At Chapter 40, Sabre unsuccessfully challenged Pete Dunne for the Progress World Championship. He then entered the Super Strong Style 16 defeating David Starr in the first round and Jack Sexsmith in the second round, before losing to Travis Banks in the semi-final. Sabre entered the Super Strong Style 16 2018, defeating Chuck Mambo in the first round, Starr in the second round, Keith Lee in the semi-final and Kassius Ohno in the final, thus winning the tournament for the first time in his career. At Chapter 77, Sabre was defeated by Walter, his former wXw tag team partner, for the Progress World Championship.

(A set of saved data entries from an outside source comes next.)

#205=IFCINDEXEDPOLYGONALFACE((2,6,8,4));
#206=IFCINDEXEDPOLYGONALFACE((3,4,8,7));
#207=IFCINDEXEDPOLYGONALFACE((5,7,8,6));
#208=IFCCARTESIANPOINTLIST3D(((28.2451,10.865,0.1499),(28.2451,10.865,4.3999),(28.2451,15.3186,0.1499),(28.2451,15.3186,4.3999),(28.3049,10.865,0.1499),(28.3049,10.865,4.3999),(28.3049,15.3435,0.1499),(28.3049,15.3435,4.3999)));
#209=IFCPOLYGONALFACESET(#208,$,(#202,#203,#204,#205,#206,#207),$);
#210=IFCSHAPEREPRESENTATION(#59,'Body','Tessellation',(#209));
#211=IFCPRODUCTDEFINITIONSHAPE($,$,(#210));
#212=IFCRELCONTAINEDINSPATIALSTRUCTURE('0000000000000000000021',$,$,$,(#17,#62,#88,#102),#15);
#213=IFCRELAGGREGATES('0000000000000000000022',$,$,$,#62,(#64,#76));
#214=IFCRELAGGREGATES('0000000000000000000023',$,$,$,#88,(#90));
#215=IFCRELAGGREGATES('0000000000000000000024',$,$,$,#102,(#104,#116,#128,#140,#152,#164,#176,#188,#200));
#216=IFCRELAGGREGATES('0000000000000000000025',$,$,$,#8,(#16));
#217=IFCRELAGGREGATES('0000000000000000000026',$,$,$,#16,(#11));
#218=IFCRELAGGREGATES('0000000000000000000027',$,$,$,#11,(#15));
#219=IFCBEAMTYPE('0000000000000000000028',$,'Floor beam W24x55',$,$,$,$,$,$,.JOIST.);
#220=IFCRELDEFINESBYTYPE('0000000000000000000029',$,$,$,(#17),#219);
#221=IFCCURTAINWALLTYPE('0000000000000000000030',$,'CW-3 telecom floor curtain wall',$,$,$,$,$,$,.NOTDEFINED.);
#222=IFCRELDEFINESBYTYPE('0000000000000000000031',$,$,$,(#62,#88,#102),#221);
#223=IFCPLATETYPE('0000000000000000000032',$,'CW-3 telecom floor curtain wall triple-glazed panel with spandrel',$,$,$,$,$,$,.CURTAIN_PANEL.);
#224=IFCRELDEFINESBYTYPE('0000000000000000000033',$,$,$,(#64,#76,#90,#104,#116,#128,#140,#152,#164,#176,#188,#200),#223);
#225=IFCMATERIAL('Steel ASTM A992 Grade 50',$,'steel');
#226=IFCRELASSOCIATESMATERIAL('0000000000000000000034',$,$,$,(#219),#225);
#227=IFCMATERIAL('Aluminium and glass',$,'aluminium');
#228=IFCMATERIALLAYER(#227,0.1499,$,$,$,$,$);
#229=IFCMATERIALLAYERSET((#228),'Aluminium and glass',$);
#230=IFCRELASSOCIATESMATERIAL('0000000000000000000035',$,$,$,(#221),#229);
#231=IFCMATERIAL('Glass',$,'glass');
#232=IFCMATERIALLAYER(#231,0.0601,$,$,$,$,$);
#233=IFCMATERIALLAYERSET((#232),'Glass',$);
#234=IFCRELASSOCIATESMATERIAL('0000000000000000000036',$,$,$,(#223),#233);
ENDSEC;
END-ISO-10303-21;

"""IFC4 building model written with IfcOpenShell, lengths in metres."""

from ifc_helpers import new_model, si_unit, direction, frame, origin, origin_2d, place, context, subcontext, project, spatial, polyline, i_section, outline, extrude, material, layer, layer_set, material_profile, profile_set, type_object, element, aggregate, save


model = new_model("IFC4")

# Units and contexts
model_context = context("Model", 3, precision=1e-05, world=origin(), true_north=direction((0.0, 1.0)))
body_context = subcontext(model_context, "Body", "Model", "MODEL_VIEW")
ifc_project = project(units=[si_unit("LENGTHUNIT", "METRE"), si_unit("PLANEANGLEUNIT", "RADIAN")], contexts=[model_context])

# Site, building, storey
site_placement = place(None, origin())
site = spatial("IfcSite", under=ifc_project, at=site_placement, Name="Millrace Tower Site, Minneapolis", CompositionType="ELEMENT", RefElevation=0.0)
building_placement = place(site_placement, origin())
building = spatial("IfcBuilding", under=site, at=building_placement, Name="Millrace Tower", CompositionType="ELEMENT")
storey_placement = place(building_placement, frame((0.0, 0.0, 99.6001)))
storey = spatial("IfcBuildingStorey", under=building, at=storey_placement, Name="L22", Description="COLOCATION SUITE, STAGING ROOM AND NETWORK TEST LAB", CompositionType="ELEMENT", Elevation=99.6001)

===Pro Wrestling Guerrilla (2014–2018)===
Sabre made his debut for Pro Wrestling Guerrilla (PWG) at the 2014 Battle of Los Angeles on night 1 teaming with Chuck Taylor and Kenny Omega and defeating Adam Cole and The Young Bucks (Matt and Nick Jackson).

In April 2015, he returned to the promotion, answering the challenge from PWG World Champion Roderick Strong in a title match at Don't Sweat the Technique in a losing effort. He then entered the 2015 Battle of Los Angeles which he eventually won.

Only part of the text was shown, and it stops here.